Estuvo escondida por siglos.
La ciudad del silencio.
En cuatro siglos ningún indio habló.
Ni el Inca Garcilaso supo de esta
/ ciudad.
Ha sido el secreto mejor guardado
/ del mundo.
Ernesto Cardenal

Al clarear el alba, el bus sube por los caracoleos selváticos de la ruta desde el poblado de Aguas Calientes hasta el portal de Machu Picchu. Una vez allí se saca la entrada y se avanza por el sendero siguiendo la flechita, pero Machu Picchu sigue esquiva: tarda en aparecer, ocultándose especialmente a los ojos de los hombres blancos, igual que a los ojos de tantos otros que pasaron a sus pies durante 300 años sin descubrirla. La gran ciudadela inca nunca estuvo perdida sino camuflada por la selva; los lugareños siempre supieron sobre su existencia. Cuando el norteamericano Hiram Bingham se topó con ella en 1911, la encontró habitada por dos familias aborígenes –los Recharte y los Alvarez– que vivían allí como guardianes centenarios, cultivando en las terrazas incas y bebiendo el agua de las acequias de piedra talladas por sus antepasados.

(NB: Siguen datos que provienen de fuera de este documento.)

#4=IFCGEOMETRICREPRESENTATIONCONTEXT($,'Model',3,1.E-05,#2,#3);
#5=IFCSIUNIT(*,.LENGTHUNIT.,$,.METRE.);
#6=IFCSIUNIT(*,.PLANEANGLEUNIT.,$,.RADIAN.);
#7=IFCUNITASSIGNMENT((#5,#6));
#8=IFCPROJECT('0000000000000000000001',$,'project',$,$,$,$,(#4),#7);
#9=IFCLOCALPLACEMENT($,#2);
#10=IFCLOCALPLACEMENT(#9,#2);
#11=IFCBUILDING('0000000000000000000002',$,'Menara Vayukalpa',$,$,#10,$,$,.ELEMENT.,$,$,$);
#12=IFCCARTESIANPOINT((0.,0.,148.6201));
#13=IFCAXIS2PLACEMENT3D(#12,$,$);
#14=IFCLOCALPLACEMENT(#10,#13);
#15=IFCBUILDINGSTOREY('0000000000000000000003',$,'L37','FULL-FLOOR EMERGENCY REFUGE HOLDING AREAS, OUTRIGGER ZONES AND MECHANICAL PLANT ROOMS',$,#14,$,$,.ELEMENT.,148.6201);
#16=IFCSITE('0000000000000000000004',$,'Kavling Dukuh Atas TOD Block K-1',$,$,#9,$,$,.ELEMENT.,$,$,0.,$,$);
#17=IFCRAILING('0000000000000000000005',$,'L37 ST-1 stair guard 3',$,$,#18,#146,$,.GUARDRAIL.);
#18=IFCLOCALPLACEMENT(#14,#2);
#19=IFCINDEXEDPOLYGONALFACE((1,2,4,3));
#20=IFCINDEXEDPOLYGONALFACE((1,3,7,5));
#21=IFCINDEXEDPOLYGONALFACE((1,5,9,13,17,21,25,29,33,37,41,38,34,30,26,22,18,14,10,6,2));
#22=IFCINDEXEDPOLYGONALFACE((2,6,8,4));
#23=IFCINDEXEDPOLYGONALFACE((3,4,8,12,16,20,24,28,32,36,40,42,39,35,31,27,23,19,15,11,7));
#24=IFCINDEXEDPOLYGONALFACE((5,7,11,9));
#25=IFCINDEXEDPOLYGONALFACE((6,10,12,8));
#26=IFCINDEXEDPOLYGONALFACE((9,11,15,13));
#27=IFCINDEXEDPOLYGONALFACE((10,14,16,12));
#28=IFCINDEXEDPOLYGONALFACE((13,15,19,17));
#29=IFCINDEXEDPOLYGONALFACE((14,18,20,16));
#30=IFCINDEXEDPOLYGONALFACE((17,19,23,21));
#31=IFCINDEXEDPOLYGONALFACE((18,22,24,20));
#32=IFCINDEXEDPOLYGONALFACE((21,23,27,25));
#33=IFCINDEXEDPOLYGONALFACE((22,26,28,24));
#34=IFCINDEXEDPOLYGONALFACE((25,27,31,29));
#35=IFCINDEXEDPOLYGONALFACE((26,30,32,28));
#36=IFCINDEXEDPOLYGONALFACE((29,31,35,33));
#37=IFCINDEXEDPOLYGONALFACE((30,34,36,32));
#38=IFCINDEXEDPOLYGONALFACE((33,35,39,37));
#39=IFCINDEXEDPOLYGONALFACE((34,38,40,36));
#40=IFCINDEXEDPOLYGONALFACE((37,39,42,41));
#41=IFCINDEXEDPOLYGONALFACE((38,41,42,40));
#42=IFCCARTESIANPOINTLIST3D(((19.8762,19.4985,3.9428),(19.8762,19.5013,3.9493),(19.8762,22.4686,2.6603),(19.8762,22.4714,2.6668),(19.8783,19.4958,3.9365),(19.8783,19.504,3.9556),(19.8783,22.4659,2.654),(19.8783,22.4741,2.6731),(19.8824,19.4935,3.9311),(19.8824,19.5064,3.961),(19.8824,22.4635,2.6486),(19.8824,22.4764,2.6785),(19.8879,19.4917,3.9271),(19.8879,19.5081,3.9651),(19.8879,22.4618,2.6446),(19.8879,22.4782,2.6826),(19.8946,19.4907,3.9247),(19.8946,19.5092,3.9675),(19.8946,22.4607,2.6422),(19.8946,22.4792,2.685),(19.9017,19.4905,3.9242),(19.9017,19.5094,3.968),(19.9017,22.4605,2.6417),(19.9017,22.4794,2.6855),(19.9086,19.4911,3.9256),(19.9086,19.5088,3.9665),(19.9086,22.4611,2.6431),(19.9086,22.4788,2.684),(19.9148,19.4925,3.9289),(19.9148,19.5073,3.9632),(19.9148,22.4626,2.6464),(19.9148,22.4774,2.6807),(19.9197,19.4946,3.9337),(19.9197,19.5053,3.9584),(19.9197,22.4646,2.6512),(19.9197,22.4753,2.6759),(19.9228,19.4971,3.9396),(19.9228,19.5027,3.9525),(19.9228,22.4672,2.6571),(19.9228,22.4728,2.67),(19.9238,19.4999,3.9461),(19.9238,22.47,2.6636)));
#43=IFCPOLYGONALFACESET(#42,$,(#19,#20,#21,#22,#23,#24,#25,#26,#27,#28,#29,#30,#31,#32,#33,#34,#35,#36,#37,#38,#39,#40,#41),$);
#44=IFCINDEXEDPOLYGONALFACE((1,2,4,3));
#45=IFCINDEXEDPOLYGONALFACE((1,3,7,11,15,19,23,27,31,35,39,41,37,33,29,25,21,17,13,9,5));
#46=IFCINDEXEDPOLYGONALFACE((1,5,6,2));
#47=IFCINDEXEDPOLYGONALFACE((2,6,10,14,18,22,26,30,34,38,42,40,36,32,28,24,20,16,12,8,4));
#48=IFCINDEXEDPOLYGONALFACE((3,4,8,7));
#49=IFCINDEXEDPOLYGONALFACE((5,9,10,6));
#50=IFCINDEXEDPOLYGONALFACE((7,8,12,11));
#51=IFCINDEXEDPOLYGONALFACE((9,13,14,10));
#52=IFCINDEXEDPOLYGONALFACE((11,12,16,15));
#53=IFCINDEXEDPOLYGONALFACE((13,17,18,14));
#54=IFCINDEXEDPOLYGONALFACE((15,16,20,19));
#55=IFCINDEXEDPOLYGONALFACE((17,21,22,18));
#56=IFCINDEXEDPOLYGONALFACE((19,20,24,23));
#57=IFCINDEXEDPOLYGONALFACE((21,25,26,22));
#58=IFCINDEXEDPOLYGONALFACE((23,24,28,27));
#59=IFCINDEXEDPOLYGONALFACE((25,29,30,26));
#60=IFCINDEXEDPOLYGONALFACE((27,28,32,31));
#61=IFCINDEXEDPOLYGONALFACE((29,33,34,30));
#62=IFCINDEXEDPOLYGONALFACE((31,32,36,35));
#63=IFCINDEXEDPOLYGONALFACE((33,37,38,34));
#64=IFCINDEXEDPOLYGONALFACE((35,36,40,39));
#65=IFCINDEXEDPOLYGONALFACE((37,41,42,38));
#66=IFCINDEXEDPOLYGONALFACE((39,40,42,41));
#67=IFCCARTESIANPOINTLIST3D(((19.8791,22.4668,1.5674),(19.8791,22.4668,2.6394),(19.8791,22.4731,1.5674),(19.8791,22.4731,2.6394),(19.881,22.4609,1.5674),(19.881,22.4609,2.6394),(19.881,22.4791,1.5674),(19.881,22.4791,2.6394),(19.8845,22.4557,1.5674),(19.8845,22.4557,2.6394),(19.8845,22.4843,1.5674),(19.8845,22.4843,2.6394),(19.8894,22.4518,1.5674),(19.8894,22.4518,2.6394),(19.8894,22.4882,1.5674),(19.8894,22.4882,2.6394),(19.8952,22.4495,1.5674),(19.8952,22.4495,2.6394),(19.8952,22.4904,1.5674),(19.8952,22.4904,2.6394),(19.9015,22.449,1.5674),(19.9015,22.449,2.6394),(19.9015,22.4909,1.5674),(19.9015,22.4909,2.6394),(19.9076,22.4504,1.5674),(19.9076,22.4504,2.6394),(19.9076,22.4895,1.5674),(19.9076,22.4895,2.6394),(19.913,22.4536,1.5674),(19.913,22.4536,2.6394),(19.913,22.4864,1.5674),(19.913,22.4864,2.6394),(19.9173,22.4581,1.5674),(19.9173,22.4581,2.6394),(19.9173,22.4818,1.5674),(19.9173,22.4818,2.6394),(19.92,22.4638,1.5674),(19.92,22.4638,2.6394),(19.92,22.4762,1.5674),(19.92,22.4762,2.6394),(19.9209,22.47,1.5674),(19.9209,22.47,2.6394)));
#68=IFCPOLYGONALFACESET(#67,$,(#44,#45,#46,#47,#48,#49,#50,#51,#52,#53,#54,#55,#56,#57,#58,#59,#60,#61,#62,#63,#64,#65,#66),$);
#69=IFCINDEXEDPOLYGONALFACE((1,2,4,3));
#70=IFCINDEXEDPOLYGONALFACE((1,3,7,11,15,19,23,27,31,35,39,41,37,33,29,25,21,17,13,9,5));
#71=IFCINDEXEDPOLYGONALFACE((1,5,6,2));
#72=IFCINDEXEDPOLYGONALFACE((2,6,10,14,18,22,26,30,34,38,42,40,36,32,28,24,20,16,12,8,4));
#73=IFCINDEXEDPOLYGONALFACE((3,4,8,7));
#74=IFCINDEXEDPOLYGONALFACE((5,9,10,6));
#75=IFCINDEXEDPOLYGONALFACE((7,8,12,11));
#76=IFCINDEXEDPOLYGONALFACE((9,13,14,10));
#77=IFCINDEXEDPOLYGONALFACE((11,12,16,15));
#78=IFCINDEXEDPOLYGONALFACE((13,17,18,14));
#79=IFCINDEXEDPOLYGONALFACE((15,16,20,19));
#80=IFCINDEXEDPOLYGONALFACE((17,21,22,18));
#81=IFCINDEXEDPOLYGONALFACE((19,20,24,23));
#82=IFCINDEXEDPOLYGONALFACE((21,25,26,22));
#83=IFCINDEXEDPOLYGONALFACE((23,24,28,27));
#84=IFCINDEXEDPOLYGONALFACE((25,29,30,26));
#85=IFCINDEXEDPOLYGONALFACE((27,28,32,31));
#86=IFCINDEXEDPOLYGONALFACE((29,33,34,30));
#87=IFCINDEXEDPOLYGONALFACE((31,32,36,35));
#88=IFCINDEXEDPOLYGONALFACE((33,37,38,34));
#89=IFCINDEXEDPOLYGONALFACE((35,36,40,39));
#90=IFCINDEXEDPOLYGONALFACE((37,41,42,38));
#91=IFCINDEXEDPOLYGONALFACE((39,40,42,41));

Una irregular escalinata cincelada hace casi 600 años sube peldaño a peldaño una ladera hacia la ciudad mítica, mientras la ansiedad se vuelve insoportable. Por fin, al atravesar una oscura galería, detrás de un simple muro de piedra con una abertura donde cabe un hombre, el mito se hace realidad y aparece la legendaria Machu Picchu en su máximo esplendor. Desde lo alto se la abarca completa de una sola mirada, con sus aires de fortaleza celestial. “Veía a América entera desde las alturas de Machu Picchu”, escribió Pablo Neruda.

Desde las alturas, una vista panorámica de la misteriosa Machu Picchu.

LABERINTO DE GRANITO La ciudad sagrada es una sucesión de construcciones con terminación triangular, plazas con forma de rectángulo donde pastan dóciles llamas, vanos trapezoidales, terrazas escalonadas, calles interiores y palacios. Entre los edificios están el Gran Templo del Inca, la Tumba de la Realeza y centenares de casas en diferentes barrios separados por clase social. Todo englobado en un gran laberinto de granito, interconectado por infinidad de empinadas escaleras y calzadas que suben y bajan entrecruzándose por los distintos niveles de la ciudadela. Y una escalinata que surge como una prolongación del complejo sube con 700 vertiginosos peldaños por el filo de una montaña hasta el Templo de la Luna, en el cerro Huayna Picchu.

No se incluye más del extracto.